Après le règne de Claude, la situation revient à un équilibre et le monnayage irrégulier se raréfie jusqu'à la crise du IIIe siècle.
Le titre de métal précieux du monnayage d'argent n'a cessé de diminuer tout au cours des trois premiers siècles (Figure 1). Sous Caracalla, en 215, une nouvelle monnaie reconnaissable à l'effigie radiée de l'empereur est créée,
l'antoninien. Pesant le poids d'un denier et demi, l'antoninen a la valeur de deux deniers. Cette nouvelle monnaie n'arrive cependant pas à s'imposer : relativement peu frappée, son émission cesse sous Sévère Alexandre. En 238, Balbin et Pupien en reprennent la frappe et cette fois, l'antoninien va progressivement éliminer le denier de la circulation. Le denier d'argent n'est déjà plus frappé qu'occasionnellement sous Gordien III. Après son règne, la frappe de ce dernier ne se fait plus que de manière exceptionnelle.
L'aloi des monnaies d'argent continue à diminuer inexorablement tout au long du IIIe siècle.
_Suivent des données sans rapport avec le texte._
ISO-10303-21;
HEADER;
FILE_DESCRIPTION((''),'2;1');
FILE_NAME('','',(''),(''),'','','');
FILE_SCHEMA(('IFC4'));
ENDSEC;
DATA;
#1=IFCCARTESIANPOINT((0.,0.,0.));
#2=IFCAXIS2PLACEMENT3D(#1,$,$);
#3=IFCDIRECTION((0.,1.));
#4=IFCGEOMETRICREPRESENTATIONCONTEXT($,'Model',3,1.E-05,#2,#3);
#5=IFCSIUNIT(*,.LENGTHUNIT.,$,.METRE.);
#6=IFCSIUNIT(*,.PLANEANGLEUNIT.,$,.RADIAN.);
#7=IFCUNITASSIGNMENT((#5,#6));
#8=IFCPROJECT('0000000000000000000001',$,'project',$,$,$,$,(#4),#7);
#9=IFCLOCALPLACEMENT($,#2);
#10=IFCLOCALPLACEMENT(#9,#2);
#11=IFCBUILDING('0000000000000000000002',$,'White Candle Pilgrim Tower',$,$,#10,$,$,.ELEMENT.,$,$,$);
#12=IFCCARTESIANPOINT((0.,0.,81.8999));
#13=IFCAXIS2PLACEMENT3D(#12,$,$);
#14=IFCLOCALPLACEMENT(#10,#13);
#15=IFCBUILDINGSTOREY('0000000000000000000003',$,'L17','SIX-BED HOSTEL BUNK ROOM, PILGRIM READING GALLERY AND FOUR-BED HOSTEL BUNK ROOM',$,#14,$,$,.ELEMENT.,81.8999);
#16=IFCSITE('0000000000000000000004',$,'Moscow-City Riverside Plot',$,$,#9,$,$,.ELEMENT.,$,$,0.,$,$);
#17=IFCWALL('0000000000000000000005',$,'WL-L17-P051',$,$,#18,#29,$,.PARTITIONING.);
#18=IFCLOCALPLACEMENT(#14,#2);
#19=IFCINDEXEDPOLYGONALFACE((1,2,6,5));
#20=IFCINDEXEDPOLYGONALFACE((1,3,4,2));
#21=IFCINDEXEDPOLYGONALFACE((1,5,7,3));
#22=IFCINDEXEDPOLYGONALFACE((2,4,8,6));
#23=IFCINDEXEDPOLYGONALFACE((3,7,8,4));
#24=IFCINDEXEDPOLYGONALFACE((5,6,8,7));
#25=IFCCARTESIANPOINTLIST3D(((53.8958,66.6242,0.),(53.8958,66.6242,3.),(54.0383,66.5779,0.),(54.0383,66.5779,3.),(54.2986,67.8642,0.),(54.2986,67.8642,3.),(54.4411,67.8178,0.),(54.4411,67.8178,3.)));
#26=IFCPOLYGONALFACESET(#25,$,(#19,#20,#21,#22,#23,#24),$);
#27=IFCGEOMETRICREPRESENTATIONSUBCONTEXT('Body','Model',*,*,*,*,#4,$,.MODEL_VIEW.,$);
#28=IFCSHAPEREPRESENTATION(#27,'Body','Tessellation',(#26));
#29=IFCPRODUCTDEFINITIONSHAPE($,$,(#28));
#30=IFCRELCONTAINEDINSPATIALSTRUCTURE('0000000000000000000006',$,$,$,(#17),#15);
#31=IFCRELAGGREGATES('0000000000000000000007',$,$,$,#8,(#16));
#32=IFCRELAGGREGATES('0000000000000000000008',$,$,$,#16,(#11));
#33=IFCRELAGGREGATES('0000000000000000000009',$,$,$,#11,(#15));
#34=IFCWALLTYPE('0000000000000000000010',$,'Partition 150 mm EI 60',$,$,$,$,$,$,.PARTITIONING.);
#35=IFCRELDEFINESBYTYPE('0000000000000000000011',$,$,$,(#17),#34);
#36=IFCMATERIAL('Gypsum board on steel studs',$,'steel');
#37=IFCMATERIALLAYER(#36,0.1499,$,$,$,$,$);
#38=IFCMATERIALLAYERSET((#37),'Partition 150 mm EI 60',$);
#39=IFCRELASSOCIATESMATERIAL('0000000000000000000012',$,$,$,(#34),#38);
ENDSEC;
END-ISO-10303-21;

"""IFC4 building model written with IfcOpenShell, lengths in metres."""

from ifc_helpers import new_model, si_unit, direction, frame, frame_2d, origin, place, context, subcontext, project, spatial, rectangle, extrude, material, layer, layer_set, type_object, element, save


model = new_model("IFC4")

# Units and contexts
model_context = context("Model", 3, precision=1e-05, world=origin(), true_north=direction((0.0, 1.0)))
body_context = subcontext(model_context, "Body", "Model", "MODEL_VIEW")
ifc_project = project(units=[si_unit("LENGTHUNIT", "METRE"), si_unit("PLANEANGLEUNIT", "RADIAN")], contexts=[model_context])

# Site, building, storey
site_placement = place(None, origin())
site = spatial("IfcSite", under=ifc_project, at=site_placement, Name="Moscow-City Riverside Plot", CompositionType="ELEMENT", RefElevation=0.0)
building_placement = place(site_placement, origin())
building = spatial("IfcBuilding", under=site, at=building_placement, Name="White Candle Pilgrim Tower", CompositionType="ELEMENT")
storey_placement = place(building_placement, frame((0.0, 0.0, 81.8999)))
storey = spatial("IfcBuildingStorey", under=building, at=storey_placement, Name="L17", Description="SIX-BED HOSTEL BUNK ROOM, PILGRIM READING GALLERY AND FOUR-BED HOSTEL BUNK ROOM", CompositionType="ELEMENT", Elevation=81.8999)

# Shared definitions
ifc_material_1 = material(Name="Gypsum board on steel studs", Category="steel")

# Wall
ifc_layer_1 = layer(ifc_material_1, 0.1499)
ifc_layer_set_1 = layer_set([ifc_layer_1], Name="Partition 150 mm EI 60")
wall_type_1 = type_object("IfcWallType", Name="Partition 150 mm EI 60", PredefinedType="PARTITIONING", material=ifc_layer_set_1)
wall_1_placement = place(storey_placement, frame((53.967, 66.6011, 0.0), z_axis=(0.0, 0.0, 1.0), x_axis=(0.308972, 0.951071, 0.0)))
element("IfcWall", 1, at=wall_1_placement, inside=storey, type_object=wall_type_1, Name="WL-L17-P051", PredefinedType="PARTITIONING", context=body_context, shape_type="SweptSolid", body=[
    extrude(rectangle(XDim=1.3037, YDim=0.1499, at=frame_2d((0.6519, 0.0))), origin(), (0.0, 0.0, 1.0), 3.0),
])

save(model, "model.ifc")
Peu après 260, le point critique est atteint : le billon (alliage d'argent) a un contenu si faible en métal précieux qu'il a maintenant une apparence plus proche du bronze que de celle d'un alliage argenté, la crise monétaire n'a jamais été aussi visible. Les monétaires sont obligé de recourir de plus en plus à l'artifice de l'argenture supperficielle pour rendre une apparence acceptable au monnayage de billon.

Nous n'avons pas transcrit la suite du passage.